Just fanboys... for me all browsers are the same, I use ff just because I am used to the UI.


----------



## Geoff

Calin said:


> Just fanboys... for me all browsers are the same, I use ff just because I am used to the UI.


They are not all the same.


----------



## PCunicorn

Honestly though, they are all similar enough. IE, FF, Chrome, and Opera all load pages quick enough, support all modern web standards, etc. Some are more secure, some have a better UI, etc. but it really doesn't make a huge difference and usally it just comes down to personal preference, normally over UI.


----------



## lucasbytegenius

PCunicorn said:


> Honestly though, they are all similar enough.


Only Chrome and Opera are.


PCunicorn said:


> IE, FF, Chrome, and Opera all load pages quick enough,


Nope. Chrome, Opera, and IE are above Firefox in that area, Chrome at the top, and IE just above Firefox because of responsiveness and IE is pretty darn snappy.


PCunicorn said:


> support all modern web standards, etc.


Also nope. The Blink engine (used by Chrome and Opera) support more than Gecko, though less legacy ones, Gecko supports way too many legacy ones and not enough modern ones, and IE doesn't support enough.


PCunicorn said:


> Some are more secure, some have a better UI, etc. but it really doesn't make a huge difference and usally it just comes down to personal preference, normally over UI.


Uh, I think security makes a big difference unless you don't browse the web with these browsers.
Performance and responsiveness also play a huge role in preference, in both of which Chrome/Opera and IE pwn Firefox and its derivatives. IE is behind Chrome and Firefox in terms of security right now though and it doesn't really have an easy way to customize it.


----------



## StrangleHold

Changed to IE11 and Opera. After FF got rid of the CEO for his personal views. Which in no way showed in his job performance. Don't have any use for it anymore or anything built using its code. This political correctness is getting really old. Political correctness has turned me off supporting anything I don't necessarily agree with but went along with because of not wanting to judge. Not anymore.


----------



## spirit

Honestly Lucas I can barely tell the difference between Firefox, Opera, Chrome and IE here on my system in terms of page loading speeds.


----------



## S.T.A.R.S.

When talking about security,I never EVER rely on the internet web browser built-in security wether it is IE or FF or Chrome or Opera or Safari or whichever you prefer...
 I rather rely on other ways...


----------



## lucasbytegenius

S.T.A.R.S. said:


> When talking about security,I never EVER rely on the internet web browser built-in security wether it is IE or FF or Chrome or Opera or Safari or whichever you prefer...
> I rather rely on other ways...



It's better it doesn't get past your browser in the first place, but yes you shouldn't depend on just your browser.


----------



## S.T.A.R.S.

lucasbytegenius said:


> It's better it doesn't get past your browser in the first place, but yes you shouldn't depend on just your browser.

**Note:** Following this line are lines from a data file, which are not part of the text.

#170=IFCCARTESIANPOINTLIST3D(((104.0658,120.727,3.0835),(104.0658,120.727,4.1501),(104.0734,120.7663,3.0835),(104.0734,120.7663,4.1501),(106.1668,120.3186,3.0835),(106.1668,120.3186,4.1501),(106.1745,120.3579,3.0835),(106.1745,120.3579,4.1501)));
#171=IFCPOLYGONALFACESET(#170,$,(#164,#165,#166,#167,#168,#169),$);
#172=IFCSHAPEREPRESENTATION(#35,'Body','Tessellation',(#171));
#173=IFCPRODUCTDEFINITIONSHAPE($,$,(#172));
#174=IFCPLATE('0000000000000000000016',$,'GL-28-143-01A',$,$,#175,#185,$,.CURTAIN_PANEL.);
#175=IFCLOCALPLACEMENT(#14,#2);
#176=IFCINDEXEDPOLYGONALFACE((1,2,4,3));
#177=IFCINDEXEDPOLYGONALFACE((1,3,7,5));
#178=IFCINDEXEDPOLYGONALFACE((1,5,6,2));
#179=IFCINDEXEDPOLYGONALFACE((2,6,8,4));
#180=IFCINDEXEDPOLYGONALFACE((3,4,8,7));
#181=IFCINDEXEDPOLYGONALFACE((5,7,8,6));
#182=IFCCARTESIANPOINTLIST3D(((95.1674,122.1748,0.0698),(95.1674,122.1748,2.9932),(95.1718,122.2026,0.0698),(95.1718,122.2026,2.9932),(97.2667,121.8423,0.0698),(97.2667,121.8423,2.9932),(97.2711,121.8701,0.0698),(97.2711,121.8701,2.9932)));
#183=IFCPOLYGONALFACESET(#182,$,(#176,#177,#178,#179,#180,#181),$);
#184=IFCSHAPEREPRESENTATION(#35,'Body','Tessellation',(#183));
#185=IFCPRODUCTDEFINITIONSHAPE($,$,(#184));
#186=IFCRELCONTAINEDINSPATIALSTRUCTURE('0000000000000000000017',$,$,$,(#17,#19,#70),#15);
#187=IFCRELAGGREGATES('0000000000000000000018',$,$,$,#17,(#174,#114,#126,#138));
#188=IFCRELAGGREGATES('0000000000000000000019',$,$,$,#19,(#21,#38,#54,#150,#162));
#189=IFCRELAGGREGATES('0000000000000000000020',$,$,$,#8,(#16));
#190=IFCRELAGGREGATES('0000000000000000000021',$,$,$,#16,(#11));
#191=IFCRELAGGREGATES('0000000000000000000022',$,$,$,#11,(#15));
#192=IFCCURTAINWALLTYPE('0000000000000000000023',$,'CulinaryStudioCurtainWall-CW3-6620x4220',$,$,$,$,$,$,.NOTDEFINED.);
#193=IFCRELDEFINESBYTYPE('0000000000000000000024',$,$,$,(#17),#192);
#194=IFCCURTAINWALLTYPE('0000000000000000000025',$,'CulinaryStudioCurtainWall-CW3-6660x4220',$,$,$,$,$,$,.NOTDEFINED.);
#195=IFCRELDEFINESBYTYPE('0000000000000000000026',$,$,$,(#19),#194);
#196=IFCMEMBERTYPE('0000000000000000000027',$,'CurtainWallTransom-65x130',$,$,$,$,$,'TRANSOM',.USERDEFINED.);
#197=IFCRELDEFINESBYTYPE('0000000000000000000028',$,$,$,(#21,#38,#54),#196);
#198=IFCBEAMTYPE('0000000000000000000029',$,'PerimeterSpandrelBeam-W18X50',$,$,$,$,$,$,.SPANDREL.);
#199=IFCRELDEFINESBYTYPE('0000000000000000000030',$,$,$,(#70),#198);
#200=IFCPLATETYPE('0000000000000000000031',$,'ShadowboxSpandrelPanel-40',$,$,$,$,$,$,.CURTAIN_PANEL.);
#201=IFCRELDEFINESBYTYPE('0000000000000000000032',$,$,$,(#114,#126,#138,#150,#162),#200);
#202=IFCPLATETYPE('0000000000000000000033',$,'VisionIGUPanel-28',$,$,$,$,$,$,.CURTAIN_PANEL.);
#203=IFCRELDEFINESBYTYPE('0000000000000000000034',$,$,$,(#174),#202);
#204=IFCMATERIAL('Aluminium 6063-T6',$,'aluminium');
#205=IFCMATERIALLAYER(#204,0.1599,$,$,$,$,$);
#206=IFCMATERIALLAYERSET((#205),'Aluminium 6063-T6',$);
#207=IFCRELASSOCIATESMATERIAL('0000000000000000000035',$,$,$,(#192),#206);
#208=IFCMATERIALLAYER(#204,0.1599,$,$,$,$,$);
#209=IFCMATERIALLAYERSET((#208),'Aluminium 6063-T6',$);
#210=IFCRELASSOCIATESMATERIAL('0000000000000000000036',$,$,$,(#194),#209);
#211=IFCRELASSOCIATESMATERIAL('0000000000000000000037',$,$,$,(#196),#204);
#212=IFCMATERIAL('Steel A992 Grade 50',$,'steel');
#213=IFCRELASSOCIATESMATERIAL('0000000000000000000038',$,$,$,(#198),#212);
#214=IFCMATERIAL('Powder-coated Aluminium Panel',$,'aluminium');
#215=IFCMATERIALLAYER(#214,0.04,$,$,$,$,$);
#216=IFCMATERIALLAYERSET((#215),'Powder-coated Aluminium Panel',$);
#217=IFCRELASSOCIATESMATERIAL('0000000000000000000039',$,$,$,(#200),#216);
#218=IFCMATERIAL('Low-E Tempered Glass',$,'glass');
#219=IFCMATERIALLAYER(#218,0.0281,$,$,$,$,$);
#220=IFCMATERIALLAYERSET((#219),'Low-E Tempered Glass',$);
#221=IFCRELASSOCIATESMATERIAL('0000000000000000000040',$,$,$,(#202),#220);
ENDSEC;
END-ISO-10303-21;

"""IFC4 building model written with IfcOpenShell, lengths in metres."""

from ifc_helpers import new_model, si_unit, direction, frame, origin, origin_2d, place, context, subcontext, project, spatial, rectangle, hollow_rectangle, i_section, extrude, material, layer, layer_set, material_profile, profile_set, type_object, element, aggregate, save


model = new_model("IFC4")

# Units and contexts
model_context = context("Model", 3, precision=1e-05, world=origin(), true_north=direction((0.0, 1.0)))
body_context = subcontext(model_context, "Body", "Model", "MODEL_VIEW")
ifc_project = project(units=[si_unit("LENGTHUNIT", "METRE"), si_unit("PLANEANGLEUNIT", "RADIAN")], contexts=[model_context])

Yeah I agree that it's better that it doesn't get past your browser,but in the case it does then it's good to be armed and ready. 
 The problem is that SO MANY people depend ONLY on their browser's security...unfortunately...





 Alright I am going to eat some macrobiotic food now!
 Cya!!!


----------



## jmurray01

Firefox just updated itself to 29.0.1 this morning on my PC and wow - what a change!!  The past few updates have been minor, but this one is a complete rework of the design.  

I've got to say though, as much as I dislike change - it is quite nice.

So yet again, Mozilla is best...  Well, for me anyway!


----------



## lucasbytegenius

jmurray01 said:


> Firefox just updated itself to 29.0.1 this morning on my PC and wow - what a change!!  The past few updates have been minor, but this one is a complete rework of the design.
> 
> I've got to say though, as much as I dislike change - it is quite nice.
> 
> So yet again, Mozilla is best...  Well, for me anyway!



So Mozilla is best despite copying Chrome's design and release cycle, among other things? That makes sense, bro.


----------



## Ambushed

Have been using Mozilla Firefox for the last year - Also loving the latest update! How about everyone else?


----------



## voyagerfan99

Still using Pale Moon here


----------



## S.T.A.R.S.

I am still on Mozilla Firefox 5.0.1.


----------



## Geoff

S.T.A.R.S. said:


> I am still on Mozilla Firefox 5.0.1.


I hope you're joking, many websites have stopped supporting that version.


----------



## S.T.A.R.S.

Until now I have still not encountered the web site which does not open properly.
So as long as that is the case,I am not updating it to the next version.
I update only when neccessary.


----------



## Geoff

S.T.A.R.S. said:


> Until now I have still not encountered the web site which does not open properly.
> So as long as that is the case,I am not updating it to the next version.
> I update only when neccessary.


I guess you don't care for security or new features.


----------



## S.T.A.R.S.

WRXGuy1 said:


> I guess you don't care for security or new features.



My security does not depend on the web browser.It depends on tons of other things.
And when I surf the web trying to find something and not knowing wether something bad might happen or not,I ALWAYS do it from my UAC test computer 1 or 2 so it is virtually impossible that something happens to my main UAC computer 1 and 2.

As for the features,you are right about that: I don't care for new features.
I mean I have TONS of features already and I am not even using all of them so I SURELY do not need ALL of them as soon as they come out lol.
The only 2 add-ons that I really even use in Firefox 5.0.1 are SAVE IMAGES 0.8.7 and DOWNLOAD HELPER 4.9.21.
Here and there I use some others also,but they work just fine in Firefox 5.0.1 which I installed back in 2011. so there is really no need to waste time on updating Firefox,add-ons and everything else just because the new versions came out.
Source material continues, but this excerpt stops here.